Days after Health Secretary Robert F. Kennedy Jr. announced that Covid shots would be removed from the federal immunization schedule for children, the Centers for Disease Control and Prevention issued updated advice that largely counters Mr. Kennedy's new policy. The agency kept Covid shots on the schedule for children 6 months to 17 years old with a new condition.
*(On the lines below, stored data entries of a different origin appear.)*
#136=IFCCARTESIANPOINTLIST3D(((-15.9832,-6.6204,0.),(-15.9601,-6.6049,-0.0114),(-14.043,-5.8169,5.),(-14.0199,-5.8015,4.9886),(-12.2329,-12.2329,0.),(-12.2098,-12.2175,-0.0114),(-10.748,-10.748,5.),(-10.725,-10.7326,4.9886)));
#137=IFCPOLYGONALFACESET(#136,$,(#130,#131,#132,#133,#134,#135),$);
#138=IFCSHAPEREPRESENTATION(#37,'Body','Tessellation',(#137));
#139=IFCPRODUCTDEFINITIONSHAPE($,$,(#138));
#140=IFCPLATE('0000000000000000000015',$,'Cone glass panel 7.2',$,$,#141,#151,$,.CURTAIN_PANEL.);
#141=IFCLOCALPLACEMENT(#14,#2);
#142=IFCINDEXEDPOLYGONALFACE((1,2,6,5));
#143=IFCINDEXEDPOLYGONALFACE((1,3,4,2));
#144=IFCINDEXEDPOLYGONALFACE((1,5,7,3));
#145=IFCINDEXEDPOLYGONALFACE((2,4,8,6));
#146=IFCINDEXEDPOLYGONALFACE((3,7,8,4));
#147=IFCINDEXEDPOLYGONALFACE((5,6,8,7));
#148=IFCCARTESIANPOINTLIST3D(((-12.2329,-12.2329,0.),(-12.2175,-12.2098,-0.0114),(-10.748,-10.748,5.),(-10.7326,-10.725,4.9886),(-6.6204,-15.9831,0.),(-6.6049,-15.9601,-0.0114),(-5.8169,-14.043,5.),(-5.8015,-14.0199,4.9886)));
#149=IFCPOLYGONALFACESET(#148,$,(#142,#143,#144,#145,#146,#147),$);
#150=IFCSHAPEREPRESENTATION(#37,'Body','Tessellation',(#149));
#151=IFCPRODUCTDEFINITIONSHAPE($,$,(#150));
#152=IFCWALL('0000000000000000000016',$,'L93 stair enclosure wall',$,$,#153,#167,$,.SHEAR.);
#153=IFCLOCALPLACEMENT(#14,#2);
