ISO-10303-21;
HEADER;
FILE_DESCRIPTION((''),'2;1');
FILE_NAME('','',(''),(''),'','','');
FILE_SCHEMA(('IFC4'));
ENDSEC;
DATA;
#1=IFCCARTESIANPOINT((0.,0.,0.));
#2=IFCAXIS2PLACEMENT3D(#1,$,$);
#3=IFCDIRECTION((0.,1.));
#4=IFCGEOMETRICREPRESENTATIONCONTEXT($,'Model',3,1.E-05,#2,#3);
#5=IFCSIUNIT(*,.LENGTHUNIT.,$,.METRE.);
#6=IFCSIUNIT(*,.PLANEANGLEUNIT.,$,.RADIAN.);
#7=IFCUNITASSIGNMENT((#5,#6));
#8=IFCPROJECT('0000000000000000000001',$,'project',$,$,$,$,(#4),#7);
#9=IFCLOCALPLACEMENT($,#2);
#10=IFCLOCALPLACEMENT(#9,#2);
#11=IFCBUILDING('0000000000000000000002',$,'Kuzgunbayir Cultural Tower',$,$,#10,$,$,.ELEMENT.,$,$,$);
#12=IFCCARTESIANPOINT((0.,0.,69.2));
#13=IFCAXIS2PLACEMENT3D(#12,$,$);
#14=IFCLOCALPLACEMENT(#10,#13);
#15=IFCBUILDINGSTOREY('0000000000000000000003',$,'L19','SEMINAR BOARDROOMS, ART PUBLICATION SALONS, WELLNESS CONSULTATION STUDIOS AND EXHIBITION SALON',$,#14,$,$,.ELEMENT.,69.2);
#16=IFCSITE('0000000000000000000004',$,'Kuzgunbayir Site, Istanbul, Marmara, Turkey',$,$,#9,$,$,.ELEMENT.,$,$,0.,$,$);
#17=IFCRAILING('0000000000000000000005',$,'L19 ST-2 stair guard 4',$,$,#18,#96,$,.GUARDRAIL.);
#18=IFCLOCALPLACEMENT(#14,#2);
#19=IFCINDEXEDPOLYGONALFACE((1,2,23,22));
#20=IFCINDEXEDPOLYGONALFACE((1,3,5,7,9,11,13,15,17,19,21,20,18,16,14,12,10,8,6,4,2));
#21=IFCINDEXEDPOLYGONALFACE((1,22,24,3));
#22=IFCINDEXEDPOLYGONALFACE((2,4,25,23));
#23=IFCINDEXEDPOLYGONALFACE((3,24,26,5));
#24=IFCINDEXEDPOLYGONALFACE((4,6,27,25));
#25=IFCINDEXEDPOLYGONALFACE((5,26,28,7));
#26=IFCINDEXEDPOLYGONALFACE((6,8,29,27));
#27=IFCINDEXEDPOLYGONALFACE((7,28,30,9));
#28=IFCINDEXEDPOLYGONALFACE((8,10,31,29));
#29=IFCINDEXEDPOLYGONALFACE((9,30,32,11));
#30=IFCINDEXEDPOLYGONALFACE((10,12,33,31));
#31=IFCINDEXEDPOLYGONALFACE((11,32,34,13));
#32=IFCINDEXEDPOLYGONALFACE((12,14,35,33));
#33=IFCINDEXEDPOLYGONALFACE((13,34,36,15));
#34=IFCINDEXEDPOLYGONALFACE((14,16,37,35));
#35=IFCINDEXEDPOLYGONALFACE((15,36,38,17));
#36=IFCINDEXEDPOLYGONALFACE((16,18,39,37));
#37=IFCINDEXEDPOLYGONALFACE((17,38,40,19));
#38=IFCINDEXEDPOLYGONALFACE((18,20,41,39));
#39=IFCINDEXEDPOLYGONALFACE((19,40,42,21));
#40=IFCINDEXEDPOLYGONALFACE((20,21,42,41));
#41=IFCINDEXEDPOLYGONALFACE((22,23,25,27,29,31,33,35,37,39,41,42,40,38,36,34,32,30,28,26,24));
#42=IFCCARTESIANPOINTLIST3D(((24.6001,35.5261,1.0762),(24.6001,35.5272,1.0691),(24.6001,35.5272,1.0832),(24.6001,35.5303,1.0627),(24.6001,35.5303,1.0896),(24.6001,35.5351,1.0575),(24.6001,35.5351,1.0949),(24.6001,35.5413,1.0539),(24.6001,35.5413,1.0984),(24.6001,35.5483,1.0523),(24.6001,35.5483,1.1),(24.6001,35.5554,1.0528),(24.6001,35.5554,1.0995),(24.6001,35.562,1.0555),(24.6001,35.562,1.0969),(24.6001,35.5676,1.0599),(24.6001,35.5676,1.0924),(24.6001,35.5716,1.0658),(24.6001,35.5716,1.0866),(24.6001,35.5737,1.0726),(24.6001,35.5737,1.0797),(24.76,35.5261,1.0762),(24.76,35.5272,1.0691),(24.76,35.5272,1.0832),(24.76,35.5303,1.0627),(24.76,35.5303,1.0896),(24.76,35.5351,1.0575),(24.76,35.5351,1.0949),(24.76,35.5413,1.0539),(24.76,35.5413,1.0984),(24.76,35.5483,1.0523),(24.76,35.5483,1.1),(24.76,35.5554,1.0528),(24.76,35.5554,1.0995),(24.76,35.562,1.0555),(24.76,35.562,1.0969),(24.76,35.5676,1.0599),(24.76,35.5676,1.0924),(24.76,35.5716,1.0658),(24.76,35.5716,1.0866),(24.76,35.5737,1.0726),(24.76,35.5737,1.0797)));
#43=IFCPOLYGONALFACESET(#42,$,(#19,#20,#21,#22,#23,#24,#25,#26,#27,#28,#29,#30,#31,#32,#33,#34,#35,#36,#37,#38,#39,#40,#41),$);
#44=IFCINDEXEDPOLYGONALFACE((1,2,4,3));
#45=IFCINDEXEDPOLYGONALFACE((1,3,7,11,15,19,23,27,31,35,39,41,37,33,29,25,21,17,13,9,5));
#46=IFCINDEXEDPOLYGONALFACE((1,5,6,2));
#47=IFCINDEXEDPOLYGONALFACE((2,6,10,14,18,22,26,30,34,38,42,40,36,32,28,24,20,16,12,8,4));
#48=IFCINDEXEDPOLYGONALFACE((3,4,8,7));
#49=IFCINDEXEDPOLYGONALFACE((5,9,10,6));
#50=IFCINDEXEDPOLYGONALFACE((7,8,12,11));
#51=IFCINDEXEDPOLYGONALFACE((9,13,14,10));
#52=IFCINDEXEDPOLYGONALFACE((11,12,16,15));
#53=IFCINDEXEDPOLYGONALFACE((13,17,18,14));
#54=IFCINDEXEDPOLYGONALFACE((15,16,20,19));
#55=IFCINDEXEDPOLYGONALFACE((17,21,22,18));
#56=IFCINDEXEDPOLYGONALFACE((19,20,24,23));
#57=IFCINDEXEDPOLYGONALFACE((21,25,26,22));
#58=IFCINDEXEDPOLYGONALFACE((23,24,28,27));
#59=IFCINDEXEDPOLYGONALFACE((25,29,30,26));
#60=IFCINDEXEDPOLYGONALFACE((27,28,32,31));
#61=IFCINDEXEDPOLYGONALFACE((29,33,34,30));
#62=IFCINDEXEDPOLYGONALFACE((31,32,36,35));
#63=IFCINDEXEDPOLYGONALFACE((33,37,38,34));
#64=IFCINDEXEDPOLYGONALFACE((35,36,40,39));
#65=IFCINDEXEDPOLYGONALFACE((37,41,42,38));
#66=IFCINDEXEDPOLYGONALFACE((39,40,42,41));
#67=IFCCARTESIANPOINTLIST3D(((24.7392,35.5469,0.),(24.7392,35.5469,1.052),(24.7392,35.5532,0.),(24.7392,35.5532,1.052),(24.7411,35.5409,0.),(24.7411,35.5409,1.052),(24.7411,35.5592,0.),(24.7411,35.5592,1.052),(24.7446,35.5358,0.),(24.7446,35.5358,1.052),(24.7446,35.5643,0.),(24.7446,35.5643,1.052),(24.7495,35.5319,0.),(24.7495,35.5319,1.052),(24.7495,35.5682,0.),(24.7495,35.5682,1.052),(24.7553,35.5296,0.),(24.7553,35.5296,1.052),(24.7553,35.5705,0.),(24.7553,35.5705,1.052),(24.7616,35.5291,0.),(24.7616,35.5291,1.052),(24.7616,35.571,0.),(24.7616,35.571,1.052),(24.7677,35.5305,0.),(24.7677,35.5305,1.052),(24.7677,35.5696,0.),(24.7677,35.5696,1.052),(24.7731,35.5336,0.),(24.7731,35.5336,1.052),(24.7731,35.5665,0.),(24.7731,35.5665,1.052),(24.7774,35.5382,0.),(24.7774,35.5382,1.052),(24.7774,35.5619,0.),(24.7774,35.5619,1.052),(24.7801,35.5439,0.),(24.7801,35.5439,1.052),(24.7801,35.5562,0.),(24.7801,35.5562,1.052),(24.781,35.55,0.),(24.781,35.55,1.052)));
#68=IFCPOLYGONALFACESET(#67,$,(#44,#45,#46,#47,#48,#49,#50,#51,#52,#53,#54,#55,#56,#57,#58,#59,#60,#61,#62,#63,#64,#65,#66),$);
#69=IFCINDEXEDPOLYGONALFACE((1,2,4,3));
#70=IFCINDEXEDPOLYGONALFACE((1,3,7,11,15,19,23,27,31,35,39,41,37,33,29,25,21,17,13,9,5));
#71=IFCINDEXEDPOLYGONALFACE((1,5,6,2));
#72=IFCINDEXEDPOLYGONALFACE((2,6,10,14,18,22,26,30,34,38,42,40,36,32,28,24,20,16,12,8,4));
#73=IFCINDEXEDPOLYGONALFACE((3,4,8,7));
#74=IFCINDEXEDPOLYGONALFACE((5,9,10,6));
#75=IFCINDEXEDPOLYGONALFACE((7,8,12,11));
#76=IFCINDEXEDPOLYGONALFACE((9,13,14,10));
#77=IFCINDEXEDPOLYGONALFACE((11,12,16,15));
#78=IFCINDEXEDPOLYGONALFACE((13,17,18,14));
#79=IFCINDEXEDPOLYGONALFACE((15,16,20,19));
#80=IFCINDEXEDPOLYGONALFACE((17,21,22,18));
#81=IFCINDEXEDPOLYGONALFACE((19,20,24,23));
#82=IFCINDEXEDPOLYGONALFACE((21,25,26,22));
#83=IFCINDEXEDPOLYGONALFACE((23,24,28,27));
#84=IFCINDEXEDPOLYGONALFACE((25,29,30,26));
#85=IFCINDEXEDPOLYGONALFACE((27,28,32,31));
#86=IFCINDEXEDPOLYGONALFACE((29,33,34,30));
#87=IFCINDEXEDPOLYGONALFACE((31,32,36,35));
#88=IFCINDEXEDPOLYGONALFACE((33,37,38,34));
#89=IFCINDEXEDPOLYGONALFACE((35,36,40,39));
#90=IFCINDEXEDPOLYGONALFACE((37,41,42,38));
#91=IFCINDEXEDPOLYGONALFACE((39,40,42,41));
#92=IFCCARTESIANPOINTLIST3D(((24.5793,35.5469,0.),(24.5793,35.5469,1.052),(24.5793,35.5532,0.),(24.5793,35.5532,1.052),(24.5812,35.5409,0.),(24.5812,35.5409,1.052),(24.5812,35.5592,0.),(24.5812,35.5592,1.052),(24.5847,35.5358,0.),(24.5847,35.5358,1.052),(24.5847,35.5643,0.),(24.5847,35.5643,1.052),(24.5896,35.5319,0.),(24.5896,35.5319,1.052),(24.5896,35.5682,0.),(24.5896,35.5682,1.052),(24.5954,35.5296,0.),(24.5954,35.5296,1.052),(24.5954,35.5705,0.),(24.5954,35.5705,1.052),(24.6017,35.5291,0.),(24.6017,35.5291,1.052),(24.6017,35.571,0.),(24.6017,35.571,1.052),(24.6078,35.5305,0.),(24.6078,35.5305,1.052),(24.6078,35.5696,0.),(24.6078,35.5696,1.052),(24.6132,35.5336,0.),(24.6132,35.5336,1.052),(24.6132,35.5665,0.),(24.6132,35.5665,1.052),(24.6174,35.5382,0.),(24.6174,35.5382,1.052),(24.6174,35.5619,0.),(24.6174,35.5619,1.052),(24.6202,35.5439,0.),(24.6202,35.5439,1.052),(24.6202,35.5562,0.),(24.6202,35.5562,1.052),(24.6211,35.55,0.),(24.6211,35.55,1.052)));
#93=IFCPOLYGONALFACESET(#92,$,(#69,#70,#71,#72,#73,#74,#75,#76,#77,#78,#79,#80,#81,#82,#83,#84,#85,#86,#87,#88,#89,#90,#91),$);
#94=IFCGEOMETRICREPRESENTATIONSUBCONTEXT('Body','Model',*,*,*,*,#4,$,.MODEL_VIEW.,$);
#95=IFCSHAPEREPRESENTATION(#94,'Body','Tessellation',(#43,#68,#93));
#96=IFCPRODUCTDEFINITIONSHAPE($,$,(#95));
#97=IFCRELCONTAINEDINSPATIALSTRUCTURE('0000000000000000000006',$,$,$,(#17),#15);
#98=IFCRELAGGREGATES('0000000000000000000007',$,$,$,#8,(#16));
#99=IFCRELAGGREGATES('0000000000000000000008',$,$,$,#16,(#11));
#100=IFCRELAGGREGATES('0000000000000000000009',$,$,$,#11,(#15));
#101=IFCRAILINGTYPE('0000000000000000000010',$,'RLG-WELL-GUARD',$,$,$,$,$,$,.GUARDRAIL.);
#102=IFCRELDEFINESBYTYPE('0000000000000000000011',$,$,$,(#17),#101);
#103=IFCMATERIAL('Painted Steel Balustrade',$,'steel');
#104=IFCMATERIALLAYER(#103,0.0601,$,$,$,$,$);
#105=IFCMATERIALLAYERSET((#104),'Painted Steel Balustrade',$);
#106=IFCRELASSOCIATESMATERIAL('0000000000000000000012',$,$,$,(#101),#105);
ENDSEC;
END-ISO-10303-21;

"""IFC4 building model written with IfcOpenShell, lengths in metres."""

from ifc_helpers import new_model, si_unit, direction, frame, origin, origin_2d, place, context, subcontext, project, spatial, circle, extrude, material, layer, layer_set, type_object, element, save


model = new_model("IFC4")

# Units and contexts
model_context = context("Model", 3, precision=1e-05, world=origin(), true_north=direction((0.0, 1.0)))
body_context = subcontext(model_context, "Body", "Model", "MODEL_VIEW")
ifc_project = project(units=[si_unit("LENGTHUNIT", "METRE"), si_unit("PLANEANGLEUNIT", "RADIAN")], contexts=[model_context])

# Site, building, storey
site_placement = place(None, origin())
site = spatial("IfcSite", under=ifc_project, at=site_placement, Name="Kuzgunbayir Site, Istanbul, Marmara, Turkey", CompositionType="ELEMENT", RefElevation=0.0)
building_placement = place(site_placement, origin())
building = spatial("IfcBuilding", under=site, at=building_placement, Name="Kuzgunbayir Cultural Tower", CompositionType="ELEMENT")
storey_placement = place(building_placement, frame((0.0, 0.0, 69.2)))
storey = spatial("IfcBuildingStorey", under=building, at=storey_placement, Name="L19", Description="SEMINAR BOARDROOMS, ART PUBLICATION SALONS, WELLNESS CONSULTATION STUDIOS AND EXHIBITION SALON", CompositionType="ELEMENT", Elevation=69.2)

# Railing
ifc_material_1 = material(Name="Painted Steel Balustrade", Category="steel")
ifc_layer_1 = layer(ifc_material_1, 0.0601)
ifc_layer_set_1 = layer_set([ifc_layer_1], Name="Painted Steel Balustrade")
railing_type_1 = type_object("IfcRailingType", Name="RLG-WELL-GUARD", PredefinedType="GUARDRAIL", material=ifc_layer_set_1)
railing_1_placement = place(storey_placement, frame((24.76, 35.55, 0.0)))
element("IfcRailing", 1, at=railing_1_placement, inside=storey, type_object=railing_type_1, Name="L19 ST-2 stair guard 4", PredefinedType="GUARDRAIL", context=body_context, shape_type="SweptSolid", body=[
    extrude(circle(Radius=0.0239, at=origin_2d()), frame((0.0, 0.0, 1.0762), z_axis=(-1.0, 0.0, 0.0), x_axis=(0.0, -1.0, 0.0)), (0.0, 0.0, 1.0), 0.1599),
    extrude(circle(Radius=0.021, at=origin_2d()), origin(), (0.0, 0.0, 1.0), 1.052),
    extrude(circle(Radius=0.021, at=origin_2d()), frame((-0.1599, 0.0, 0.0)), (0.0, 0.0, 1.0), 1.052),
])

save(model, "model.ifc")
Children and their caregivers will be able to get the vaccines in consultation with a doctor or provider, which the agency calls 'shared decision-making.' The shots will also continue to be available under those terms to about 38 million low-income children who rely on the Vaccines for Children program, according to an emailed update from the C.D.C. on Friday. However, the picture is less certain now for pregnant women, a group the C.D.C. had considered to be at high risk for a bad outcome from the virus. The official C.D.C. position for pregnant women is 'no guidance,' according to a communication released from the agency Friday. Mr. Kennedy's pronouncement on Tuesday had included a decision to drop the recommendation for pregnant women to receive Covid shots. The C.D.C.'s new guidance on pregnant women is a troubling turn of events for experts familiar with research showing that their risk of stillbirth, hospitalization and death rises if they have Covid. Dr. Michelle Fiscus, a pediatrician and chief medical officer with the Association of Immunization Managers, said that based on federal health officials' statements in recent days, she had expected to see a recommendation for pregnant women to get the vaccine if they had an additional condition putting them at high risk.